Téléchargez le Repères n°52 sur les ordonnances Macron

Editorial

LOI TRAVAIL 2 : PENDANT LES TRAVAUX, LA FLEXIBILISATION DU CODE DU TRAVAIL CONTINUE

Le vaste plan de libéralisation et de flexibilisation de notre droit du travail, amplifié par les ordonnances
Macron-Pénicaud, s’est poursuivi par la publication d’une sixième ordonnance et l’annonce d’une septième.

En effet, depuis les cinq premières ordonnances, publiées en septembre 2017, que nous avions commentées et analysées dans notre dernier numéro de Repères, le démantèlement d’autres pans de notre droit du travail s’est poursuivi.

Ces ordonnances ont ainsi été complétées par 26 décrets d’application, puis modifiées par une ordonnance dite « balai » censée préciser ou rectifier les erreurs des textes précédents. Ces textes ne sont pas pour autant définitifs, car il faut encore attendre la parution du projet de loi de ratification des ordonnances pour connaître ce qui restera au final de notre droit du travail.

Sur tous les supports d’information et de formation publiés par la FGTA-FO au cours de des derniers mois, nous nous félicitons que vous ayez été très nombreux à réagir, commenter et diffuser massivement les différentes analyses juridiques et syndicales, les argumentaires à destination de nos militants et autres brochures d’information à destination des salariés.

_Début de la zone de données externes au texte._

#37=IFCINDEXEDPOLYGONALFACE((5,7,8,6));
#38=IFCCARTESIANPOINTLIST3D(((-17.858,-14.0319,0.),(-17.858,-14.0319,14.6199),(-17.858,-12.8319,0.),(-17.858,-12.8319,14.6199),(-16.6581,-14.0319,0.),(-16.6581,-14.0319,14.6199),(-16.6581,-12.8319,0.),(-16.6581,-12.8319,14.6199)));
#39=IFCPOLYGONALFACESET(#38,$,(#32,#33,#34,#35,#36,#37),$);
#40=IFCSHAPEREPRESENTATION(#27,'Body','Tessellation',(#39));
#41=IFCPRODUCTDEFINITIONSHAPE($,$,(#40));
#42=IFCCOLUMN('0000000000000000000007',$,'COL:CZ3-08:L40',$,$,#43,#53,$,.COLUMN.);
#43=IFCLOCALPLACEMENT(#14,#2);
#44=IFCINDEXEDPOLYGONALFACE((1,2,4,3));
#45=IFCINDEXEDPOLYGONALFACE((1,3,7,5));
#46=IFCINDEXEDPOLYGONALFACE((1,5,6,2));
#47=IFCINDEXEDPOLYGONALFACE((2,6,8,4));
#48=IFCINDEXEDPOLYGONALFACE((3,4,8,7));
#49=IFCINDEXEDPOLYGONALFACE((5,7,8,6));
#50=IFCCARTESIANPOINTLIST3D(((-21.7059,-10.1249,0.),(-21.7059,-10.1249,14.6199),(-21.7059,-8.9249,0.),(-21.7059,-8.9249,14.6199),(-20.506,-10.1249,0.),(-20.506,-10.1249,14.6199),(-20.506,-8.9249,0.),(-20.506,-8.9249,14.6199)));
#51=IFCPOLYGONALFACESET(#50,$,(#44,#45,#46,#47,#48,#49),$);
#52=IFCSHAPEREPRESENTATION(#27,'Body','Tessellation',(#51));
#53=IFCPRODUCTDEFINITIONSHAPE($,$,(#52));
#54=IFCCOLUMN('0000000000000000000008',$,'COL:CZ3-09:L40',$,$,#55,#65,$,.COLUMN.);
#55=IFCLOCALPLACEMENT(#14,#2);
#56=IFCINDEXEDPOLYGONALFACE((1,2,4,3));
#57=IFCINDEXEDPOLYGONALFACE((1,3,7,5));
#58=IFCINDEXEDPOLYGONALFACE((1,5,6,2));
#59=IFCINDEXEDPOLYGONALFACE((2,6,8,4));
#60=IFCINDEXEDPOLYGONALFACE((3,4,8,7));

Cette mobilisation syndicale nous encourage donc à poursuivre et à intensifier le travail de nos experts et de nos militants dans les domaines clés pour l’avenir du syndicalisme que sont la formation et l’information sur le contexte législatif et social auquel sont confrontés les salariés des entreprises.

À ce titre, la 6e ordonnance, que nos juristes explorent pour nous en révéler les faces cachées, a pris le nom d’« ordonnance balai » parce qu’elle corrigerait les erreurs matérielles ou les incohérences rédactionnelles contenues dans les ordonnances précitées.

On peut s’étonner que l’encre à peine fraîche des ordonnances précédentes nécessite déjà une refonte.

D’autant que si ce texte modifie aussi certaines dispositions de l’ordonnance du 22 septembre relative au comité social et économique (CSE), il ne modifie pas l’essentiel : la perte considérable du nombre de mandats de représentant du personnel (délégués syndicaux, élus CE, DP, CHSCT…) que va engendrer la mise en œuvre obligatoire de cette nouvelle institution.

Car d’après plusieurs études prévisionnelles concordantes, l’hécatombe devrait toucher près du quart des mandats détenus par les représentants du personnel…

Et ce n’est pas tout ! Dans l’orchestration du démantèlement organisé du droit de la représentation du personnel, la nouvelle ordonnance, en prévoyant la caducité des accords d’entreprise relatifs aux anciennes institutions représentatives du personnel, à compter de la date du 1er tour des élections du CSE, permet aux entreprises ayant négocié des accords sur les modalités de fonctionnement de leurs anciennes institutions représentatives du personnel de tout renégocier avec le CSE.

Ainsi, dès la mise en place du CSE ou du conseil d’entreprise, les anciennes dispositions des accords d’entreprise sur les modalités de fonctionnement des IRP, qu’elles soient ou non plus favorables que le Code du travail, cesseront de produire effet par simple application de la loi, sans qu’il soit nécessaire de les dénoncer. Le Medef n’en demandait pas moins !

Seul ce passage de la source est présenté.